- First tankōbon volume cover

まどろみバーメイド (Madoromi Bāmeido)
- Genre: Drama
- Written by: Pao Hayakawa
- Published by: Houbunsha
- Imprint: Houbunsha Comics
- Magazine: Weekly Manga Times
- Original run: March 10, 2017 – present
- Volumes: 19
- Directed by: Chihiro Ikeda; Go Furukawa;
- Produced by: Satoru Egawa; Kôki Okamoto; Yûya Tanaka;
- Written by: Hirofumi Tanaka; Tomoyuki Ueno;
- Music by: Benjamin Bedoussac
- Studio: ADK Creative One
- Original network: TV Osaka
- Original run: July 13, 2019 – September 28, 2019
- Episodes: 12

= Madoromi Barmaid =

Japanese manga series

Madoromi Barmaid (まどろみバーメイド, Madoromi Bāmeido) is a Japanese manga series written and illustrated by Pao Hayakawa. It began serialization in Houbunsha's Weekly Manga Times magazine in March 2017. A live-action television drama adaptation aired from July to September 2019.

==Synopsis==
The series is centered around three barmaids who live under the same roof: Yuki Tsukikawa, who runs the elusive food stall bar "Satellite" that randomly appears in Tokyo, Ibuki Kiho, who works at the long-established five-star hotel "Elysion Hotel Tokyo", and Hinozaki Hiyoko, who entertains customers with her flair bartending skills at the bar "Stream" in Koenji.

==Media==
===Manga===
Written and illustrated by Pao Hayakawa, Sleepy Barmaid began serialization in Houbunsha's Weekly Manga Times magazine on March 10, 2017. Its chapters have been collected into nineteen tankōbon volumes as of June 2026.

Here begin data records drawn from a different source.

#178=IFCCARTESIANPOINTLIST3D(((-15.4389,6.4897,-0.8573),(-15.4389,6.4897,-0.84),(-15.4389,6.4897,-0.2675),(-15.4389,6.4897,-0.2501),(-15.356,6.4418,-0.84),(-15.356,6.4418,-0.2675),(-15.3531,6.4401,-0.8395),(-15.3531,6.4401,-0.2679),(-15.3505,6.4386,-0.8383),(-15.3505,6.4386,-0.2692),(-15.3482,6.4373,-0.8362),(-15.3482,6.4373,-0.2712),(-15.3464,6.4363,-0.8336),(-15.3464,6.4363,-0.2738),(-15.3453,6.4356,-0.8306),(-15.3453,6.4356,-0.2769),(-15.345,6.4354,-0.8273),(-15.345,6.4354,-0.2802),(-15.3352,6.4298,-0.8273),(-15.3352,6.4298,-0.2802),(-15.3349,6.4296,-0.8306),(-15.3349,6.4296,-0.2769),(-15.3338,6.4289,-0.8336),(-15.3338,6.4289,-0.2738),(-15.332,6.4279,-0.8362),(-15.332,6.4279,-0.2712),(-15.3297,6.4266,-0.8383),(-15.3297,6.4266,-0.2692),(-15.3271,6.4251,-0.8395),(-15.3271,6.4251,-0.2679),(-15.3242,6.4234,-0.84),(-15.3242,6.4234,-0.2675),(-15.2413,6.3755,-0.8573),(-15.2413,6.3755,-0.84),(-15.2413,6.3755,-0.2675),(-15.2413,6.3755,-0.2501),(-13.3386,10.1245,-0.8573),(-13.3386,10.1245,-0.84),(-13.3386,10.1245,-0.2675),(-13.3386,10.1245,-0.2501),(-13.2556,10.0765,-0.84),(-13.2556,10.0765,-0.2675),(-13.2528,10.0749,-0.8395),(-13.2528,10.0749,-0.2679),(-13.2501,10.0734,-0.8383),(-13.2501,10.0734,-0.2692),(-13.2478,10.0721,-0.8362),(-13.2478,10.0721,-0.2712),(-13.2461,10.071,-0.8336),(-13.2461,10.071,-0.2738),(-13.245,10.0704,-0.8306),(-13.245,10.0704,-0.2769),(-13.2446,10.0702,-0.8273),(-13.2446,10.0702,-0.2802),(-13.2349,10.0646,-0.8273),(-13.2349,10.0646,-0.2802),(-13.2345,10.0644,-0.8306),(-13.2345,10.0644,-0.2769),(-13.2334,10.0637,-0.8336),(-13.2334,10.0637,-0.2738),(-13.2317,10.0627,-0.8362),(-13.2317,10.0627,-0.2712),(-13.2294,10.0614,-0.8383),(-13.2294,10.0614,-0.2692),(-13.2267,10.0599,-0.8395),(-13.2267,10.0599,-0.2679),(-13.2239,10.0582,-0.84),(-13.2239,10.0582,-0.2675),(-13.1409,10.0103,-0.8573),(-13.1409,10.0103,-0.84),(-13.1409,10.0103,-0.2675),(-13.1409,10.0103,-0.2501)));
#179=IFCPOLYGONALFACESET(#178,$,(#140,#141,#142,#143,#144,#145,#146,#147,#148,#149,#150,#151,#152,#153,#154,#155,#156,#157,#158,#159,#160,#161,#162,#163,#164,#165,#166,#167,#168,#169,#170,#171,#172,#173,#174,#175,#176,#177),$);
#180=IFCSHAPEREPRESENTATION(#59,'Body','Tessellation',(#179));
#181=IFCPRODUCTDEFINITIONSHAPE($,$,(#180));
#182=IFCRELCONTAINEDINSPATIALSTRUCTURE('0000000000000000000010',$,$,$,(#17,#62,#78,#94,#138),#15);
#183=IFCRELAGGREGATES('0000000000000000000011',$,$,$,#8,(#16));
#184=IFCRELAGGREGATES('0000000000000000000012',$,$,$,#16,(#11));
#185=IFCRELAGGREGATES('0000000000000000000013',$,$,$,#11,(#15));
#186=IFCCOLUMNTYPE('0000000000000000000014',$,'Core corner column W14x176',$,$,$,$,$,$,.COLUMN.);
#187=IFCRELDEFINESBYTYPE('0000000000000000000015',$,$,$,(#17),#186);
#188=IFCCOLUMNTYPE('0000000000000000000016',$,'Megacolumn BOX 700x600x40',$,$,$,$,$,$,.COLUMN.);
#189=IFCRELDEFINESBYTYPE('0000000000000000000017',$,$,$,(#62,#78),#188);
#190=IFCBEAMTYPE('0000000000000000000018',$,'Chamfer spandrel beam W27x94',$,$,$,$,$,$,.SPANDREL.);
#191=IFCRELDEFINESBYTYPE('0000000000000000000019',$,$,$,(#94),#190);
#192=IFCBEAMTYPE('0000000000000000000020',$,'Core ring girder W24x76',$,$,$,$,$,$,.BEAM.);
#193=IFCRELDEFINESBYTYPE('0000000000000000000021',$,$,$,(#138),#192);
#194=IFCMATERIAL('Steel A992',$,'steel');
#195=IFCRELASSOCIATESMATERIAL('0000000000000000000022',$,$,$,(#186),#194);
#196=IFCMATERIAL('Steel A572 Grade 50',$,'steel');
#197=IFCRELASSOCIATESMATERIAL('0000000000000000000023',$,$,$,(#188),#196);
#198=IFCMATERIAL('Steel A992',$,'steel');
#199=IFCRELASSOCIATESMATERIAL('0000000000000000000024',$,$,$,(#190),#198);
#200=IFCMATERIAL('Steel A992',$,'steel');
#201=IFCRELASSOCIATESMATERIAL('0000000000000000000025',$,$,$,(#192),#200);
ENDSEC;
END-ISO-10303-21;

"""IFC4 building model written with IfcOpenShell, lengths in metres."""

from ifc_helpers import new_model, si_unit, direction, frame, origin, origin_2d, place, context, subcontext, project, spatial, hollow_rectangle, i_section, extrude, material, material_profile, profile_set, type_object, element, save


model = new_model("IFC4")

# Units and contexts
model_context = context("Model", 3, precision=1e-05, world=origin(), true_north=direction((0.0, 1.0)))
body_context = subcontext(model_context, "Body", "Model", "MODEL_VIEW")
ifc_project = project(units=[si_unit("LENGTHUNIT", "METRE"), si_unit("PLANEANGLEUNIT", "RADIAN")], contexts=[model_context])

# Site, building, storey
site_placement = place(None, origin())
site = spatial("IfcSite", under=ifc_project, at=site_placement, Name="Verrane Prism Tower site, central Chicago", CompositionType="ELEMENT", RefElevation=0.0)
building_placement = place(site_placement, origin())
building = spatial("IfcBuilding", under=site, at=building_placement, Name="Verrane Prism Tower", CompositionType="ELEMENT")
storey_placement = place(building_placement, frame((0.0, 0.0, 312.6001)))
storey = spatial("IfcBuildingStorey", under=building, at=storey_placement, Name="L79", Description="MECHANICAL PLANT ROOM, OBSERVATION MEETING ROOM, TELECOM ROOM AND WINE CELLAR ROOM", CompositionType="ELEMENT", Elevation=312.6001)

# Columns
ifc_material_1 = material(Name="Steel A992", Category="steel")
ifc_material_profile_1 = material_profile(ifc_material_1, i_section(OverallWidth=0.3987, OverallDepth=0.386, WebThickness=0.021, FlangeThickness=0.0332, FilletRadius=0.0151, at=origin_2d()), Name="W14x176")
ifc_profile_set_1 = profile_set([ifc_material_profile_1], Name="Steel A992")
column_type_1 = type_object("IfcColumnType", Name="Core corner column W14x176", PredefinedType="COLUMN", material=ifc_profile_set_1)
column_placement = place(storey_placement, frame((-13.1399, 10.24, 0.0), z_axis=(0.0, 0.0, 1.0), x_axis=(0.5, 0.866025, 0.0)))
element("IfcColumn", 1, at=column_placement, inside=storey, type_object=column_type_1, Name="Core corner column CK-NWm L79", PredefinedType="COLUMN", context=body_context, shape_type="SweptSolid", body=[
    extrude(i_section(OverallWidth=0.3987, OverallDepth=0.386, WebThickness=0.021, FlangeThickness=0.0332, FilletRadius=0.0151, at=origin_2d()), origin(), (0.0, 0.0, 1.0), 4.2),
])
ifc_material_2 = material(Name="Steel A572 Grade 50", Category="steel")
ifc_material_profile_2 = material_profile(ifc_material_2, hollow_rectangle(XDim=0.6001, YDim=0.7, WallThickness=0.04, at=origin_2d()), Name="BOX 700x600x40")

| No. | Release date | ISBN |
|---|---|---|
| 1 | July 14, 2017 | 978-4-8322-3556-4 |
| 2 | December 15, 2017 | 978-4-8322-3586-1 |
| 3 | July 13, 2018 | 978-4-8322-3618-9 |
| 4 | December 14, 2018 | 978-4-8322-3649-3 |
| 5 | June 13, 2019 | 978-4-8322-3679-0 |
| 6 | December 16, 2019 | 978-4-8322-3706-3 |
| 7 | June 16, 2020 | 978-4-8322-3747-6 |
| 8 | December 16, 2020 | 978-4-8322-3789-6 |
| 9 | June 16, 2021 | 978-4-8322-3833-6 |
| 10 | December 16, 2021 | 978-4-8322-3878-7 |
| 11 | June 16, 2022 | 978-4-8322-3920-3 |
| 12 | December 15, 2022 | 978-4-8322-3960-9 |
| 13 | June 15, 2023 | 978-4-8322-0302-0 |
| 14 | December 14, 2023 | 978-4-8322-0351-8 |
| 15 | June 14, 2024 | 978-4-8322-0409-6 |
| 16 | December 16, 2024 | 978-4-8322-0464-5 |
| 17 | June 13, 2025 | 978-4-8322-0516-1 |
| 18 | December 12, 2025 | 978-4-8322-0572-7 |
| 19 | June 12, 2026 | 978-4-8322-0626-7 |

===Drama===
A 12-episode Japanese television drama adaptation produced by ADK Creative One aired on TV Osaka from July 13 to September 28, 2019. The drama starred Mai Kiryū, Hyunri, and Alissa Yagi in lead roles.